The Office for Budget Responsibility has said that the UK Treasury will face a shortfall of £13bn in motoring taxes within a decade. Although car usage continues to rise putting increasing pressure on the road infrastructure, the greener and more fuel efficient cars being produced are driving down the tax revenues generated from motoring.
A report by the IFS has put forward the case for replacing the existing system of taxes on cars and fuel by a new road charging system. If no such change occurs, the IFS has forecast that with more electric cars and hence lower revenues raised from fuel and vehicle excise duties, the shortfall facing the Treasury would require an increase in fuel duty of some 50%. Instead of this, the solution could be to charge individuals for every mile of road they use, with the ‘price’ varying depending on the degree of congestion. For example, at peak times the price would be higher, where as for those in the countryside where roads are traditionally much quieter, charges would be lower. The IFS said:
‘Such a move would generate substantial economic efficiency gains from reduced congestion, reduce the tax levied on the majority of miles driven, leave many (particularly rural) motorists better off, and provide a stable long-term footing for motoring taxes without necessarily raising net additional revenue from drivers.’

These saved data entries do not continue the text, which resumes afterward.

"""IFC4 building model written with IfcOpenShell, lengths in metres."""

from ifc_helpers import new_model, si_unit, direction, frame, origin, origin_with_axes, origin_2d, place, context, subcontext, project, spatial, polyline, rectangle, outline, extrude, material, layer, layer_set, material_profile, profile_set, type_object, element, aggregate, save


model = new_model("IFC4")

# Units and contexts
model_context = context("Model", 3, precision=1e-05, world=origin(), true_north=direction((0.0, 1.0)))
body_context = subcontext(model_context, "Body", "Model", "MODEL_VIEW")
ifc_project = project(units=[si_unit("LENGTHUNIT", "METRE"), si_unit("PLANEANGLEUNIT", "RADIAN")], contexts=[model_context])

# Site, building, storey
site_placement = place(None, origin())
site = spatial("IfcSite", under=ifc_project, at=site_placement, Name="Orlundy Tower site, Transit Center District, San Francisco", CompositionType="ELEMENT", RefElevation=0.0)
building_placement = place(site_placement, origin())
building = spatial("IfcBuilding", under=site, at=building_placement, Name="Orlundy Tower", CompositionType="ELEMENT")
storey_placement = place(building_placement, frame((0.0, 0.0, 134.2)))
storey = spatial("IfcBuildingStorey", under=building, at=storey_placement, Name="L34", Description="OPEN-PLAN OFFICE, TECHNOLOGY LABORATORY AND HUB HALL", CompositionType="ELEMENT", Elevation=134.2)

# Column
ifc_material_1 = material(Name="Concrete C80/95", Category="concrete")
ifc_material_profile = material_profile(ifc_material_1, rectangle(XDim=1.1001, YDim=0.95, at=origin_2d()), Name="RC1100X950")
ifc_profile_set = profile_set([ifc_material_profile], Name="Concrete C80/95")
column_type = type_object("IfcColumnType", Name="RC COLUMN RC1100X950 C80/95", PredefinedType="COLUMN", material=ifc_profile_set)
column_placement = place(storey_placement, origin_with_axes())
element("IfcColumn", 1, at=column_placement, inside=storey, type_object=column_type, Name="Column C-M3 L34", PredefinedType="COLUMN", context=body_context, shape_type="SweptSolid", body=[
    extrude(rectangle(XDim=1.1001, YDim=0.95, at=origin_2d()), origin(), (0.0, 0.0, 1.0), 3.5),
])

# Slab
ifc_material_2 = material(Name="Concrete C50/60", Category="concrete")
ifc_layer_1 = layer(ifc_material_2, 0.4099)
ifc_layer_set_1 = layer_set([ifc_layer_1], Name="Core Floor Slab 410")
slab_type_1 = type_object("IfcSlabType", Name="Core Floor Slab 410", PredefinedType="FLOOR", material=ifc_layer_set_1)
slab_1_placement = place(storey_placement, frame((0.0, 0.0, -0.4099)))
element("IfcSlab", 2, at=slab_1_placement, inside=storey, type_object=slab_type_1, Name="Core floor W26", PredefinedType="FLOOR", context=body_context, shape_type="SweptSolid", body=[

Government policy across the world has been increasingly focused on climate change, with targets for emissions reductions being somewhat ambitious. However, many car manufactures who were told to reduce emissions significantly are on the way to meeting these targets and this success is a key factor contributing towards this new road ‘crisis’ that could soon be facing the government. The following articles consider the possibility of a road charging scheme.
Report
The road ahead for motoring taxes? Institute of Fiscal Studies (link to full report at the bottom of the page) (May 2012)
Articles
Compelling case for UK road charging, IFS study says BBC News (15/5/12)
Fears tax shortfall may lead to road tolls Sky News (15/5/12)

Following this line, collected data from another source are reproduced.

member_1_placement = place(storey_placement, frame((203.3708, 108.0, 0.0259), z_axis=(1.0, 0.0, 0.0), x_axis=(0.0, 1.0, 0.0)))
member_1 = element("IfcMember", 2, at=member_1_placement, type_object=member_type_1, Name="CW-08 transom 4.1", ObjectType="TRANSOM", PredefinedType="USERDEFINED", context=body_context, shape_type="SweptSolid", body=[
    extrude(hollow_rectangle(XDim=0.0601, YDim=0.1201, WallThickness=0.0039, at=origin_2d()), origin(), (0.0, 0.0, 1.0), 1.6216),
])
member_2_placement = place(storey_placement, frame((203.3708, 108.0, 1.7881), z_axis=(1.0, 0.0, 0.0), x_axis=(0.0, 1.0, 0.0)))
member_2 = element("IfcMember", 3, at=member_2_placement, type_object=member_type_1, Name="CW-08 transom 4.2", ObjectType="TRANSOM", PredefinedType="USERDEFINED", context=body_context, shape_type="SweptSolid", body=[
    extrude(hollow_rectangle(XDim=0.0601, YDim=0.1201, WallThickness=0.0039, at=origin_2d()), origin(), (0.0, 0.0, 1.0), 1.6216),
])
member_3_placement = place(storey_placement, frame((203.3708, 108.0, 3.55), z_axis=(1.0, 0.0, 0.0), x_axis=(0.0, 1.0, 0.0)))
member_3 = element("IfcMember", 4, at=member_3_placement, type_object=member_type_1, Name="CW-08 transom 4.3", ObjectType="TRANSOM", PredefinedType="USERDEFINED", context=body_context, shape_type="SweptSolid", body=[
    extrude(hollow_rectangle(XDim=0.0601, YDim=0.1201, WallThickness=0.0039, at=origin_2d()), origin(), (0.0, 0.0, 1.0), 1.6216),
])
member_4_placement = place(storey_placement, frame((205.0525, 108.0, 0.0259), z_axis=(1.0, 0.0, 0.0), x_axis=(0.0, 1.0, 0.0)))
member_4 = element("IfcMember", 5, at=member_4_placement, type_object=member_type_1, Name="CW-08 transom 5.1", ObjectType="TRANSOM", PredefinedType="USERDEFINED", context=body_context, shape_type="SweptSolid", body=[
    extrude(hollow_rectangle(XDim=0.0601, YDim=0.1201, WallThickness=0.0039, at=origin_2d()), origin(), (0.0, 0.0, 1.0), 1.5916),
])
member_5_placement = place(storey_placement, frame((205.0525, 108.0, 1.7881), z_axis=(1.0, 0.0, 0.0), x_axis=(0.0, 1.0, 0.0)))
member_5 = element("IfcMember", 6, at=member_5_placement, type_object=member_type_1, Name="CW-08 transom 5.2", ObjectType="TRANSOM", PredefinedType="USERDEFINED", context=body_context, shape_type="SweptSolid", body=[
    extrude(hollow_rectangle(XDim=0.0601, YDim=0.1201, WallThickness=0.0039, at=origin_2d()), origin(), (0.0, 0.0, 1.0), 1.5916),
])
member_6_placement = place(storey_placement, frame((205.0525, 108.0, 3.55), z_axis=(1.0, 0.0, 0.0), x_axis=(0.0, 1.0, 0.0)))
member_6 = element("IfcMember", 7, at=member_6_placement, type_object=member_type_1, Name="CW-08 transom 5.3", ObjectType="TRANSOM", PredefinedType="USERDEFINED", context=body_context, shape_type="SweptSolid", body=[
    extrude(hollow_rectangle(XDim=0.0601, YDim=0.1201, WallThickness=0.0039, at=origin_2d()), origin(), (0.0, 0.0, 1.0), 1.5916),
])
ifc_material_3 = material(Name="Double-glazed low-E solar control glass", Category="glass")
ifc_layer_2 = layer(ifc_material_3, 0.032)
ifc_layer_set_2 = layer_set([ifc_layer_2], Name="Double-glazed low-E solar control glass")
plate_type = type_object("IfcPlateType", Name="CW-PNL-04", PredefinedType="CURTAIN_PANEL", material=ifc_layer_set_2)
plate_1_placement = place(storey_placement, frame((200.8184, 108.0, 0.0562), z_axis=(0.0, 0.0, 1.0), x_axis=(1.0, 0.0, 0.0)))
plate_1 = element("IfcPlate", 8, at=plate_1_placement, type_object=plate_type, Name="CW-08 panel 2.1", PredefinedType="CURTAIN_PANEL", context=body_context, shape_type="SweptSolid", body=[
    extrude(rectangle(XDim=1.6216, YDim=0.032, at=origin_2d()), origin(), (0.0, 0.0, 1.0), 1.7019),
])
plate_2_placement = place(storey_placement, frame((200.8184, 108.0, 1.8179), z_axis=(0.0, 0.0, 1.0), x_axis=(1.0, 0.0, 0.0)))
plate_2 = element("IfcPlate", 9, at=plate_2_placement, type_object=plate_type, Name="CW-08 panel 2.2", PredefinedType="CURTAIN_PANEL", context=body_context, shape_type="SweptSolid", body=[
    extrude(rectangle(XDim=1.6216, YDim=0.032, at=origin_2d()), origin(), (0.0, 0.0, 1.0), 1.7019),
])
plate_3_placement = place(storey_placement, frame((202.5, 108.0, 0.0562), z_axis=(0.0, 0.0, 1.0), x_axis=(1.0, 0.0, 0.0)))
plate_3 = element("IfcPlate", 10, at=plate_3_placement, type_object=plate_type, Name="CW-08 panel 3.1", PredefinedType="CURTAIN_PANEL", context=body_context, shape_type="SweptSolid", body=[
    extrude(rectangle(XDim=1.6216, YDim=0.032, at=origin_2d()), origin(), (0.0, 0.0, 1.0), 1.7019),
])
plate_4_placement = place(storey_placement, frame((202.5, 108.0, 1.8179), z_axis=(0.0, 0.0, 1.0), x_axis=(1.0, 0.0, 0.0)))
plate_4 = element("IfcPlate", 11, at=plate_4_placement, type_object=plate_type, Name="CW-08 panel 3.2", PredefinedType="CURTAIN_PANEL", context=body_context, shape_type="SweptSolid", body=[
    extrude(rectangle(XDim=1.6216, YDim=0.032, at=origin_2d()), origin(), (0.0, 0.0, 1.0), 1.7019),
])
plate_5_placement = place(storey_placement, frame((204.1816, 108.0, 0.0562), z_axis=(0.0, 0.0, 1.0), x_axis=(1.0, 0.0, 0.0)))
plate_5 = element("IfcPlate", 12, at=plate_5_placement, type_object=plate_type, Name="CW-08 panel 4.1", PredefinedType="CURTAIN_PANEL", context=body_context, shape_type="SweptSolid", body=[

Who’s going to pay to update Britain’s infrastructure? Guardian Business Blog (15/5/12)
Motoring taxes: a future headache for the Chancellor Channel 4 News (15/5/12)
For whom the toll bills – less traffic hurts M6 toll road owner Guardian, Ian Griffiths and Dan Milmo (14/5/12)
Charge motorists per mile, says IFS Independent, Nigel Morris (15/5/12)
Green cars to drive down tax receipts Financial Times, Mark Odell and John Reed (15/5/12)
Questions
- Illustrate the effect of a tax being imposed on petrol. What happens to the equilibrium price and quantity?
- Despite fuel duty pushing up the price of petrol, why has there been such a small decline in the quantity of petrol individuals use?
- Evaluate the case for and against a road charging scheme.
- Why are tax revenues from motoring expected to decline over the next decade?
- Climate change has become an increasingly important focus of government policy. To what extent is the current road ‘crisis’ a positive sign that policies to tackle climate change are working?
- If a road charging scheme went ahead and prices were varied depending on traffic, time etc, what name would you give to this strategy?
- Why would it be possible to charge a higher price at peak times and a lower price for cars using country roads?
- Is there an argument for privatising the road network? Is it even possible?